Firstly, for a set of key quarterly New Zealand macroeconomic variables typically included in a small theoretical or empirical macroeconomic model, H84 trends and cycles lead to considerably greater cycle volatilities than those computed from either the HP or BK filters which are comparable. Others have shown that H84 cycle volatilities for U.S. real GDP are typically over twice those of HP cycle volatilities (e.g. Hodrick, 2020; Schüler, 2018). Our findings confirm this effect which is even more pronounced when H84 cycle volatilities are compared to BK cycle volatilities and holds for the majority of our key macroeconomic series. Cycle persistence is generally less for HP than for H84 which, in turn, is generally less than BK, but the differences are, for the most part, not statistically significant. Cross correlations of H84, HP and BK cycles with real GDPE show broad agreement, with any differences being not statistically significant.

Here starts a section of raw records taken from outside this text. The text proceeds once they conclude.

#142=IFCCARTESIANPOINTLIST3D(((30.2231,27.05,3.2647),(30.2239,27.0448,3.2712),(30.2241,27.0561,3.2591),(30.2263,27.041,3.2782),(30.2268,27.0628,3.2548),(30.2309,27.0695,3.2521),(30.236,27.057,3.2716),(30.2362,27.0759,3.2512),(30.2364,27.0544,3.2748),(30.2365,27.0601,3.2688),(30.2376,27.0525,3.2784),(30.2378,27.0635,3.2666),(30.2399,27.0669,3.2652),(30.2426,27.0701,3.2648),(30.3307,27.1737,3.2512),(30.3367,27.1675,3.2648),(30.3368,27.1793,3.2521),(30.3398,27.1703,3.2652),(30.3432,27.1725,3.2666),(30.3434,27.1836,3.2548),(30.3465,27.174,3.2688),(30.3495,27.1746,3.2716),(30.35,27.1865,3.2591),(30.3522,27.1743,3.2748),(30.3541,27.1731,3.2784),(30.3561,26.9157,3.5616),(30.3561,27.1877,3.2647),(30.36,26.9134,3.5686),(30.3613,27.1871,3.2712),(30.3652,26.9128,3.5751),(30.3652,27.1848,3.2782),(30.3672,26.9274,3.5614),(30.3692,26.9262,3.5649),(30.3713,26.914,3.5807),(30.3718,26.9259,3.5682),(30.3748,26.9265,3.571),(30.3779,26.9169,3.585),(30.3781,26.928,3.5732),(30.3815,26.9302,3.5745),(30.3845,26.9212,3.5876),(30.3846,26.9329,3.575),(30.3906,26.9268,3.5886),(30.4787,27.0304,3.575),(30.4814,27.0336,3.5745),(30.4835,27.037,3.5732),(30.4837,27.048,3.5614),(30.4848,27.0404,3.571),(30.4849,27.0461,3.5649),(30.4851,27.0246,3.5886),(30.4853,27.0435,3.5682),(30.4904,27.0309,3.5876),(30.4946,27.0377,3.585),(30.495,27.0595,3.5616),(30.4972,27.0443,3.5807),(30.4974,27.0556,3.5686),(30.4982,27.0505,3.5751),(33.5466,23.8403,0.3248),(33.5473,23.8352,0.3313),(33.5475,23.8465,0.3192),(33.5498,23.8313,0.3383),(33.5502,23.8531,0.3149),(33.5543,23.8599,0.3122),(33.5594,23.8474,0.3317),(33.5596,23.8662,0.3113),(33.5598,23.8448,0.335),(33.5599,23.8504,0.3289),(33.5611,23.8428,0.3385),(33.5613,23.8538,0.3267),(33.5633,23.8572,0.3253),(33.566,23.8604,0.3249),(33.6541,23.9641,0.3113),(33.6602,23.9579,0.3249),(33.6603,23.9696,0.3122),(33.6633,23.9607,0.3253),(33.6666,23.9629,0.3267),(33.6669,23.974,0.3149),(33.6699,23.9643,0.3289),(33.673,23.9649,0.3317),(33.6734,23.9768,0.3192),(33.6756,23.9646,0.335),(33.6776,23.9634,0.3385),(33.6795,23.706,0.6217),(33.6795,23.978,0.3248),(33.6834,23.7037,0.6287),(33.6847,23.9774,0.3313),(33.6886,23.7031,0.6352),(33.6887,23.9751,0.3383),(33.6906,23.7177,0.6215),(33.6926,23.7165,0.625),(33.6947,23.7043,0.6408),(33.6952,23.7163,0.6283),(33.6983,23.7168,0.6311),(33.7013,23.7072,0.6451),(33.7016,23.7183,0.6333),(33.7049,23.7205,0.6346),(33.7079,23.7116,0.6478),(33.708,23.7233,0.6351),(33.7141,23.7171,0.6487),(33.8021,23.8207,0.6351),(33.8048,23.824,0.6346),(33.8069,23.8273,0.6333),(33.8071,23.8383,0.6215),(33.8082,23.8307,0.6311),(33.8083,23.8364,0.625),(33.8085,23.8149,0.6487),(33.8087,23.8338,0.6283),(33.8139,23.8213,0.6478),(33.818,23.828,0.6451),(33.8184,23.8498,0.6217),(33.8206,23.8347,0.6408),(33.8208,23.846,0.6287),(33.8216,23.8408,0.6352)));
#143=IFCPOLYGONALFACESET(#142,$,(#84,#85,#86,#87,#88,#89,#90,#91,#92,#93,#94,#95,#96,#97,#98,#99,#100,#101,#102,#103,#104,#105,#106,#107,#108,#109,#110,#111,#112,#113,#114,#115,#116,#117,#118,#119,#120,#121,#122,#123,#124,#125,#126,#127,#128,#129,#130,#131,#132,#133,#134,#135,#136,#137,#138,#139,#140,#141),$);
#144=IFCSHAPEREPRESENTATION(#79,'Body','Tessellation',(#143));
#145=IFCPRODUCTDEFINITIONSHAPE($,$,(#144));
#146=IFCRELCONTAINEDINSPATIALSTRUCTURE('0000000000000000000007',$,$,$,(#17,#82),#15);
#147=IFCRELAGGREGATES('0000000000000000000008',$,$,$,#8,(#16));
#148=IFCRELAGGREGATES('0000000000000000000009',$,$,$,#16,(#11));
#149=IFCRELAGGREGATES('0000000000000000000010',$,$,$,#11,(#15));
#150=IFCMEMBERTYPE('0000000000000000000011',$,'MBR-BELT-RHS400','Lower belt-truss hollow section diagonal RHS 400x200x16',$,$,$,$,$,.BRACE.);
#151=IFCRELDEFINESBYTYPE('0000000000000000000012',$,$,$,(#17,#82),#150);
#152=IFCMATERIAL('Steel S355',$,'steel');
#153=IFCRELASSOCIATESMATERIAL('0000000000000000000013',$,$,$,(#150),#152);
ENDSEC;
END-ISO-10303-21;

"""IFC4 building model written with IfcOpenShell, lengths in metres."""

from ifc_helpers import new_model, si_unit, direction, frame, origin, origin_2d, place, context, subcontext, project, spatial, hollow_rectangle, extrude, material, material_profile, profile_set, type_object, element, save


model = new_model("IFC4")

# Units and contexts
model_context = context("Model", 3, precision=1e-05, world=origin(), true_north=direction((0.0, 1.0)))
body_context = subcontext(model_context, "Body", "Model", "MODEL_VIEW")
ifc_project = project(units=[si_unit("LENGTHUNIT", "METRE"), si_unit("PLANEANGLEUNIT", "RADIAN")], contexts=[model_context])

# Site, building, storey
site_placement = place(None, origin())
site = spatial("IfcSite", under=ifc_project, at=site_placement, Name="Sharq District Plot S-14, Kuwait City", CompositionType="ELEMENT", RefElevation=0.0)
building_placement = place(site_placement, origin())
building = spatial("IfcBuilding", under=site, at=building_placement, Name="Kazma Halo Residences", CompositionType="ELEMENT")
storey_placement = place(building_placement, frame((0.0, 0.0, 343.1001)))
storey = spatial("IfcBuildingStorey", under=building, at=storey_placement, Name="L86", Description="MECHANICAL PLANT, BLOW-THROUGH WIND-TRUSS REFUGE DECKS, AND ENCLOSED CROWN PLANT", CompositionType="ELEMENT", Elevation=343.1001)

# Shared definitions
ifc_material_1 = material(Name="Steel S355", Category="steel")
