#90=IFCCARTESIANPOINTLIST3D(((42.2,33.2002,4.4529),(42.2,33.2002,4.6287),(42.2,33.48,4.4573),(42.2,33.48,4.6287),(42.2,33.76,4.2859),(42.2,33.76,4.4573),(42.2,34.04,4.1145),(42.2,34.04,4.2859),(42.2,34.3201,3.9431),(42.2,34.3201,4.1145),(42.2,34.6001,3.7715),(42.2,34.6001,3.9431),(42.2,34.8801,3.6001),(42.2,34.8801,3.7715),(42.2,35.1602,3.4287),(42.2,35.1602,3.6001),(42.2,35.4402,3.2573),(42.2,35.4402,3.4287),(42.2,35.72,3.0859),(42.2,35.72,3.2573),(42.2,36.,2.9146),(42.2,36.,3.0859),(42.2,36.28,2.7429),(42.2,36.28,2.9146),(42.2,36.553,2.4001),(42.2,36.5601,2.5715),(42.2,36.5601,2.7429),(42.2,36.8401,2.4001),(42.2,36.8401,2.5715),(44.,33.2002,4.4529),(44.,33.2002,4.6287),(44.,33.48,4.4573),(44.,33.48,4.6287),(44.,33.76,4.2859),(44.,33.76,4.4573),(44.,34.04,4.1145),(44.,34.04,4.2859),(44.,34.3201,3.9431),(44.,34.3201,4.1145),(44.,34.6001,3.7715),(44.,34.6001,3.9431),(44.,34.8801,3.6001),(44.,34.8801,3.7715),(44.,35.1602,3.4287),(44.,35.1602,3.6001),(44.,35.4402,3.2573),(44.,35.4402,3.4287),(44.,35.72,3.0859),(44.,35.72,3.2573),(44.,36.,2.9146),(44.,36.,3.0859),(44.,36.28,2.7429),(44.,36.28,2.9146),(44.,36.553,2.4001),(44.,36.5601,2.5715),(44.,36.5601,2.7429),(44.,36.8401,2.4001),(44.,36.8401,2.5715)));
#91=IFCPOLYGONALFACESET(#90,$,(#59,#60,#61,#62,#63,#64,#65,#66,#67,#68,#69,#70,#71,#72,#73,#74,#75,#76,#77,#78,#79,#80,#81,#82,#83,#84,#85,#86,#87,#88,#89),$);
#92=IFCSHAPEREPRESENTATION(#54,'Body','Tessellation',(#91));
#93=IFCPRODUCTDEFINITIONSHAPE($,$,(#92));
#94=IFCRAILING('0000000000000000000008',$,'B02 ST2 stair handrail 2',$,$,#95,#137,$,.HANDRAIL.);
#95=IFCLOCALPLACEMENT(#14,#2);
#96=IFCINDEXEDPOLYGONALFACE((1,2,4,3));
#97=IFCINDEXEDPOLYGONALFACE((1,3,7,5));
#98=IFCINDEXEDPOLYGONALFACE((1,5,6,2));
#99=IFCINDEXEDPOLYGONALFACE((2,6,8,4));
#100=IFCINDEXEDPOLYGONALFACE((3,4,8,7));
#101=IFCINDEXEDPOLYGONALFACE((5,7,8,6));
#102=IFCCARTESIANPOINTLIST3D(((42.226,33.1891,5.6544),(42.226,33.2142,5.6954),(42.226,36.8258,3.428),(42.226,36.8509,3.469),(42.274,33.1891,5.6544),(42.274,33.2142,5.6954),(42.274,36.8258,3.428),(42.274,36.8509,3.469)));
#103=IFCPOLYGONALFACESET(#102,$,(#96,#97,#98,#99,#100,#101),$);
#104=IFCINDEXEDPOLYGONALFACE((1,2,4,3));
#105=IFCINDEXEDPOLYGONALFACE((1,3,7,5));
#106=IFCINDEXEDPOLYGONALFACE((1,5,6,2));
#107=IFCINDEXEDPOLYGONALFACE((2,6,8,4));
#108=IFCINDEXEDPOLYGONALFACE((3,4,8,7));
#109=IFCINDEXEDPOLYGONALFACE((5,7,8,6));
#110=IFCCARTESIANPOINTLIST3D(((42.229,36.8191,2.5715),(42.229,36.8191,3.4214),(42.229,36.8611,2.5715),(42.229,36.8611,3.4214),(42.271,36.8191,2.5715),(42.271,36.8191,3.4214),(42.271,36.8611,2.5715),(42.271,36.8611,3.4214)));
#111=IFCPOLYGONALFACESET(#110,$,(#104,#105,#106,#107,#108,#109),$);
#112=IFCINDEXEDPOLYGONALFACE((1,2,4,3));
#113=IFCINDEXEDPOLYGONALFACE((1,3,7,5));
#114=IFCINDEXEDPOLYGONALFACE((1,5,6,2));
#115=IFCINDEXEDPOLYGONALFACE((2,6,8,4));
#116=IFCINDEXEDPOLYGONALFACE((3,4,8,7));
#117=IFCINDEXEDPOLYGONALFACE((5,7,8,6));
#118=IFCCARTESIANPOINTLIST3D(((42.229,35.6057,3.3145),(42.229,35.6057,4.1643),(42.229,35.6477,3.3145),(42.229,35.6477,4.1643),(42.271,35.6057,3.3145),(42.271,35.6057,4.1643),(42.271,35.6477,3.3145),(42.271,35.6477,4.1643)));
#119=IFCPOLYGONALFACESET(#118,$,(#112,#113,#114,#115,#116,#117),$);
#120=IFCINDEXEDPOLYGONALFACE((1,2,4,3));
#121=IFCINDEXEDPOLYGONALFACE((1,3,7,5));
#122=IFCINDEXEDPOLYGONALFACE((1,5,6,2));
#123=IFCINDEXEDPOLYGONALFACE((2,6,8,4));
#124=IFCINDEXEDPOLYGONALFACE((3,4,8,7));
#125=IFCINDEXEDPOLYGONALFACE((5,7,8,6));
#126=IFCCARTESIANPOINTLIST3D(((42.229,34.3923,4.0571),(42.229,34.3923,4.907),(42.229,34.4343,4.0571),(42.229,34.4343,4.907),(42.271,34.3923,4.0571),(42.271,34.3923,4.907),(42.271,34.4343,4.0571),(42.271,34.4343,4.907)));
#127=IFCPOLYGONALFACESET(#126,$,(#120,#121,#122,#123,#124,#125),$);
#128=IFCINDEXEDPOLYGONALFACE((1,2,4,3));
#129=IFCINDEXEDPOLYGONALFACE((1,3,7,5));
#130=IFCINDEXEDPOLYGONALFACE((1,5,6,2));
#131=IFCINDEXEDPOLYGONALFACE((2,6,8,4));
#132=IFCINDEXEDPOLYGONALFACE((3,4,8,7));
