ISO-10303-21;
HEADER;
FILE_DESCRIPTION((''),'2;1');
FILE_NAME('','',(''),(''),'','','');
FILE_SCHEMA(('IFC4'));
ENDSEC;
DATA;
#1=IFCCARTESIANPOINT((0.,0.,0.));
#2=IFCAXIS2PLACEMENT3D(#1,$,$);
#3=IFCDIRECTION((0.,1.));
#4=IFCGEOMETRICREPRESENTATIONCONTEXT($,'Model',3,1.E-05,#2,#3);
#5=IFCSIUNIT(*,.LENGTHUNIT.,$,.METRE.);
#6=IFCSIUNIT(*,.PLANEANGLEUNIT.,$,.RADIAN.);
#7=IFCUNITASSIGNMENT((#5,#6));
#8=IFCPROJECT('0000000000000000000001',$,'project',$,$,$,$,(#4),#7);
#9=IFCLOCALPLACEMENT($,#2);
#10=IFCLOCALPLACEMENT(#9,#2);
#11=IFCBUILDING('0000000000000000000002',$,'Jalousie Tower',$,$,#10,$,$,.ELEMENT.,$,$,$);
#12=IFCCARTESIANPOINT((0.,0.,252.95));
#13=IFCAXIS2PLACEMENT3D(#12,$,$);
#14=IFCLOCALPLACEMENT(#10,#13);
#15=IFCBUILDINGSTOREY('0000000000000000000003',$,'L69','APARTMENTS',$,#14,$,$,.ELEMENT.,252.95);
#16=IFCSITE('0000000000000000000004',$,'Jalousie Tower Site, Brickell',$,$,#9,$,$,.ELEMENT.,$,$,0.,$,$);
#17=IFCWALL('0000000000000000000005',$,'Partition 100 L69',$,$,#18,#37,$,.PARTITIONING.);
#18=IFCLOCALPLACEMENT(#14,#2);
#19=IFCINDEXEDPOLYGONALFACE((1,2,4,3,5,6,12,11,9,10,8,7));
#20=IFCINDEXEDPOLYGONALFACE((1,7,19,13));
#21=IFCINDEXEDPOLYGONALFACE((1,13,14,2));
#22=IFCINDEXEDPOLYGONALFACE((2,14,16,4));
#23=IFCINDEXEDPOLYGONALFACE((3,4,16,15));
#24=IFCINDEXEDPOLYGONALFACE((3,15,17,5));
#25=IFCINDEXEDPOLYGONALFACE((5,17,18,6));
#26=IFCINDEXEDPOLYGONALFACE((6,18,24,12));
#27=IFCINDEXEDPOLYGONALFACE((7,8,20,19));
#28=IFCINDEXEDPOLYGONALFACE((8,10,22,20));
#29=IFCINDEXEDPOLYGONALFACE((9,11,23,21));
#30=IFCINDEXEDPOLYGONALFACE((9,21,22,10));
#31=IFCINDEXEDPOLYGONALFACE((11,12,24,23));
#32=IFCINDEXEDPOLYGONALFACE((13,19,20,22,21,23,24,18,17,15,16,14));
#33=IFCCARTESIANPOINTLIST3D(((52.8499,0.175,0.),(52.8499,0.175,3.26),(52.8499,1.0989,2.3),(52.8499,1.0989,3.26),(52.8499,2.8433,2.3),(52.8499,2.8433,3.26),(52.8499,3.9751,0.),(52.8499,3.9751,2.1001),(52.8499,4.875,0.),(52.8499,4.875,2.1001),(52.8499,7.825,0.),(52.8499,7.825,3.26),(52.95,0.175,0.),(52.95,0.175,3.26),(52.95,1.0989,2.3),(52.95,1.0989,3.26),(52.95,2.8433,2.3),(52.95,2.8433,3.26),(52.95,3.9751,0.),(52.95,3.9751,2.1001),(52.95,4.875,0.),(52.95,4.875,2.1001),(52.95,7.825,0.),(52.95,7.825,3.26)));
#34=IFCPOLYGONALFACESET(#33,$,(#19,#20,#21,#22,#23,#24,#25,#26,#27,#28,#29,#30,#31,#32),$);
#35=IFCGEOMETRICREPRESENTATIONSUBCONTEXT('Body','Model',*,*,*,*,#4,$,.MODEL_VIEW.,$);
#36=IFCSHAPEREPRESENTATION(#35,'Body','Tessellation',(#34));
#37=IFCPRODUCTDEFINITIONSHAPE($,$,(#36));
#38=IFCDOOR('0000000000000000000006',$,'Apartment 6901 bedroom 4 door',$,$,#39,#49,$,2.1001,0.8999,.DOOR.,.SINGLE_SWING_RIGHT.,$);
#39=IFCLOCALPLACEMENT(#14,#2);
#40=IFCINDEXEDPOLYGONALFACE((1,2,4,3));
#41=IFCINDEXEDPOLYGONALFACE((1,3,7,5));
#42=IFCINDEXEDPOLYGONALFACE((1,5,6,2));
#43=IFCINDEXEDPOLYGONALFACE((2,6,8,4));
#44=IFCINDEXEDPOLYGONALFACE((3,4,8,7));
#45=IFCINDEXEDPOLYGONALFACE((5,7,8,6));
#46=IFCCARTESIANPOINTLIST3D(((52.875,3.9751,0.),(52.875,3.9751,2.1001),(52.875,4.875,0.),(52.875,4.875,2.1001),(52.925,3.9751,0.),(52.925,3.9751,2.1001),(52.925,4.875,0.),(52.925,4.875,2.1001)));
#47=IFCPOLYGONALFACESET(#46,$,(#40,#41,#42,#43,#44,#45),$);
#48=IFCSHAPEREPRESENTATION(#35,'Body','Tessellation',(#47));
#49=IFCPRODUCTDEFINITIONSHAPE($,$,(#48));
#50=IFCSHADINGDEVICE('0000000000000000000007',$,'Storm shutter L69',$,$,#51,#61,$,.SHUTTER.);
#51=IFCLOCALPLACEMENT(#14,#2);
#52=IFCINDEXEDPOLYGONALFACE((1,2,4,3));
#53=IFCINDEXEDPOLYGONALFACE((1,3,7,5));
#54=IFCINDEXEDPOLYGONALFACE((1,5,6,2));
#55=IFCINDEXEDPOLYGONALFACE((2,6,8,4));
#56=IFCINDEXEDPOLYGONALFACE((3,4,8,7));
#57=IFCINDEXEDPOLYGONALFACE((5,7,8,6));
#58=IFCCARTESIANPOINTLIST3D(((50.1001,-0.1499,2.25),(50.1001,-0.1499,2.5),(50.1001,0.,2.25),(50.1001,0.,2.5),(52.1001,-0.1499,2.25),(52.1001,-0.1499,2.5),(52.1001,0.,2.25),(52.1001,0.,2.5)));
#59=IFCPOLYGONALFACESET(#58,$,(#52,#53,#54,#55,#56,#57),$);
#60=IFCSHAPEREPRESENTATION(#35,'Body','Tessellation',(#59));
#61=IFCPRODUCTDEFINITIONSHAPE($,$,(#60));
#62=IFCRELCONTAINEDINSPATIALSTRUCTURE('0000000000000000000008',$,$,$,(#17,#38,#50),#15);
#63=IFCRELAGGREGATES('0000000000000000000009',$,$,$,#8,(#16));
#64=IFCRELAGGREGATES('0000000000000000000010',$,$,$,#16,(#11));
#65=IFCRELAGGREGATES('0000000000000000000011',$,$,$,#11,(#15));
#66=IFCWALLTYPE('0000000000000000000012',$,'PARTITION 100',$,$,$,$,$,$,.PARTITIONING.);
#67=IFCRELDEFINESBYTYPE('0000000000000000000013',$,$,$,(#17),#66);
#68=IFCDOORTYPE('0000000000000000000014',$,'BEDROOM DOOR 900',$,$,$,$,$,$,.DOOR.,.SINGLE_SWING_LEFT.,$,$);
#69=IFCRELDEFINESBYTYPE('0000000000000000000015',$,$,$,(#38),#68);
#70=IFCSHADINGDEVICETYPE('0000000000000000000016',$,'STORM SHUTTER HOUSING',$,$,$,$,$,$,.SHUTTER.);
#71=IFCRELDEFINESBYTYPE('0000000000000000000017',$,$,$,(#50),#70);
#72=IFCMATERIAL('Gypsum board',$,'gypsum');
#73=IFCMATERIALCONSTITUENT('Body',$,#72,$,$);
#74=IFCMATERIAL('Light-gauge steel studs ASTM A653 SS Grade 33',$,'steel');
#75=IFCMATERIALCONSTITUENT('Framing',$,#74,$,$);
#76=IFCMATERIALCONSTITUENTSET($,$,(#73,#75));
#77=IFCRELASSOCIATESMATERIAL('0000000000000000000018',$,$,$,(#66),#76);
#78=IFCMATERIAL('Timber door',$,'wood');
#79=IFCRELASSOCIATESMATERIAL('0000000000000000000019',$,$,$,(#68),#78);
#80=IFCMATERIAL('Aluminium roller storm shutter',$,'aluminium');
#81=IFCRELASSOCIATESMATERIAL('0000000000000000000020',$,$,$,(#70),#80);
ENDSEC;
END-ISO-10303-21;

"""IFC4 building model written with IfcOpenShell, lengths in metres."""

from ifc_helpers import new_model, si_unit, direction, frame, frame_2d, origin, origin_2d, place, context, subcontext, project, spatial, polyline, rectangle, outline, extrude, material, constituent, constituent_set, type_object, element, fill, save


model = new_model("IFC4")

# Units and contexts
model_context = context("Model", 3, precision=1e-05, world=origin(), true_north=direction((0.0, 1.0)))
body_context = subcontext(model_context, "Body", "Model", "MODEL_VIEW")
ifc_project = project(units=[si_unit("LENGTHUNIT", "METRE"), si_unit("PLANEANGLEUNIT", "RADIAN")], contexts=[model_context])

# Site, building, storey
site_placement = place(None, origin())
site = spatial("IfcSite", under=ifc_project, at=site_placement, Name="Jalousie Tower Site, Brickell", CompositionType="ELEMENT", RefElevation=0.0)
building_placement = place(site_placement, origin())
building = spatial("IfcBuilding", under=site, at=building_placement, Name="Jalousie Tower", CompositionType="ELEMENT")
storey_placement = place(building_placement, frame((0.0, 0.0, 252.95)))
storey = spatial("IfcBuildingStorey", under=building, at=storey_placement, Name="L69", Description="APARTMENTS", CompositionType="ELEMENT", Elevation=252.95)

# Shared definitions
ifc_material_1 = material(Name="Gypsum board", Category="gypsum")
ifc_constituent_1 = constituent(ifc_material_1, Name="Body")
ifc_material_2 = material(Name="Light-gauge steel studs ASTM A653 SS Grade 33", Category="steel")
ifc_constituent_2 = constituent(ifc_material_2, Name="Framing")
ifc_constituent_set = constituent_set(constituents=[ifc_constituent_1, ifc_constituent_2])
wall_type = type_object("IfcWallType", Name="PARTITION 100", PredefinedType="PARTITIONING", material=ifc_constituent_set)
ifc_material_3 = material(Name="Timber door", Category="wood")
door_type_1 = type_object("IfcDoorType", Name="BEDROOM DOOR 900", OperationType="SINGLE_SWING_LEFT", PredefinedType="DOOR", material=ifc_material_3)

# Wall, opening, door
wall_1_placement = place(storey_placement, frame((52.8999, 0.175, 0.0), z_axis=(0.0, 0.0, 1.0), x_axis=(0.0, 1.0, 0.0)))
wall_1 = element("IfcWall", 1, at=wall_1_placement, inside=storey, type_object=wall_type, Name="Partition 100 L69", PredefinedType="PARTITIONING", context=body_context, shape_type="SweptSolid", body=[
    extrude(outline(polyline([(0.0, 0.0), (7.6499, 0.0), (7.6499, 3.26), (2.6682, 3.26), (2.6682, 2.3), (0.9238, 2.3), (0.9238, 3.26), (0.0, 3.26), (0.0, 0.0)])), frame((0.0, 0.05, 0.0), z_axis=(0.0, -1.0, 0.0), x_axis=(1.0, 0.0, 0.0)), (0.0, 0.0, 1.0), 0.1001),
])
opening_1_placement = place(wall_1_placement, frame((3.8, 0.0, 0.0)))
opening_1 = element("IfcOpeningElement", 2, at=opening_1_placement, cuts=wall_1, PredefinedType="OPENING", context=body_context, shape_type="SweptSolid", body=[
    extrude(rectangle(XDim=0.8999, YDim=2.1001, at=frame_2d((0.45, 1.05))), frame((0.0, 0.0601, 0.0), z_axis=(0.0, -1.0, 0.0), x_axis=(1.0, 0.0, 0.0)), (0.0, 0.0, 1.0), 0.1201),
])
door_1_placement = place(opening_1_placement, origin())
door_1 = element("IfcDoor", 3, at=door_1_placement, inside=storey, type_object=door_type_1, Name="Apartment 6901 bedroom 4 door", OperationType="SINGLE_SWING_RIGHT", OverallHeight=2.1001, OverallWidth=0.8999, PredefinedType="DOOR", context=body_context, shape_type="SweptSolid", body=[
    extrude(rectangle(XDim=0.8999, YDim=2.1001, at=frame_2d((0.45, 1.05))), frame((0.0, 0.0249, 0.0), z_axis=(0.0, -1.0, 0.0), x_axis=(1.0, 0.0, 0.0)), (0.0, 0.0, 1.0), 0.05),
])
fill(opening_1, door_1)

# Shading device
ifc_material_4 = material(Name="Aluminium roller storm shutter", Category="aluminium")
shading_device_type = type_object("IfcShadingDeviceType", Name="STORM SHUTTER HOUSING", PredefinedType="SHUTTER", material=ifc_material_4)
shading_device_placement = place(storey_placement, frame((51.1001, -0.075, 2.25), z_axis=(0.0, 0.0, 1.0), x_axis=(1.0, 0.0, 0.0)))
element("IfcShadingDevice", 4, at=shading_device_placement, inside=storey, type_object=shading_device_type, Name="Storm shutter L69", PredefinedType="SHUTTER", context=body_context, shape_type="SweptSolid", body=[
    extrude(rectangle(XDim=2.0, YDim=0.1499, at=origin_2d()), origin(), (0.0, 0.0, 1.0), 0.25),
])

save(model, "model.ifc")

Accordingly, for a small open economy like New Zealand, and primarily on the basis that H84 produces materially greater volatilities and less credible trend movements associated with H84’s inherent phase-shift behaviour, particularly during key economic periods such as the 1991–92 and GFC recessions, we have a clear preference for measures of stylised business cycle facts produced by the HP or BK filters rather than those from Hamilton’s H84 procedure. A similar conclusion has been reached by Hodrick (2020).

Secondly, at the ends of the series we evaluate the performance of the forecast-extended HP filter for real GDP and three representative business cycle environments. The forecast-extension methods compared include the H84 predictor, two methods based on models of past data, and the HP filter with no extension. They also included a specially compiled data set of real-time forecasts published by two leading New Zealand public sector institutions (RBNZ and the New Zealand Treasury) and a prominent private sector agency (NZIER). The three representative business cycle environments included a relatively undemanding close-to-linear expansion path with the other two being more demanding and involving business cycle turning points. For this paper, the latter are New Zealand’s GFC-related business cycle peak at 2007q4 and its corresponding 2009q1 business cycle trough. A two-year assessment window at the end of each series was used to evaluate the performance of the various forecast-extended HP trends relative to a true HP trend based on ex-post data to 2019q4.

For all three end point environments considered, the HP filter with forecast extension was almost always markedly better than using the HP filter with no extension and led to practically significant trend improvements at the ends of series. As a general rule, the more accurate the forecast extension, the more accurate and less volatile the forecast-extended HP trend at the end. These results are in accord with findings reported elsewhere in the literature. The notable exception to these findings was forecast extension using the Hamilton H84 predictor which produced results that are inferior, in terms of root-mean-squared-error (RMSE), to those produced by the other forecast-extension methods and the HP filter with no extension. This outcome should not be regarded as surprising when the forecast extension comes from prominent economic forecasting agencies. Of greater significance is that H84 forecast-extension failed to out-perform two other univariate benchmark methods based solely on past data, and produced RMSEs which were inferior to those using the HP filter with no extension whose poor performance has been well-documented elsewhere in the literature.

Hence, in a New Zealand business cycle context, the evidence presented here suggests there is no material advantage in using the H84 regression over the HP filter for the purpose of presenting stylised business cycle facts; nor does the H84 predictor improve on other forecast extension methods at the ends of series, including the HP filter with no extension.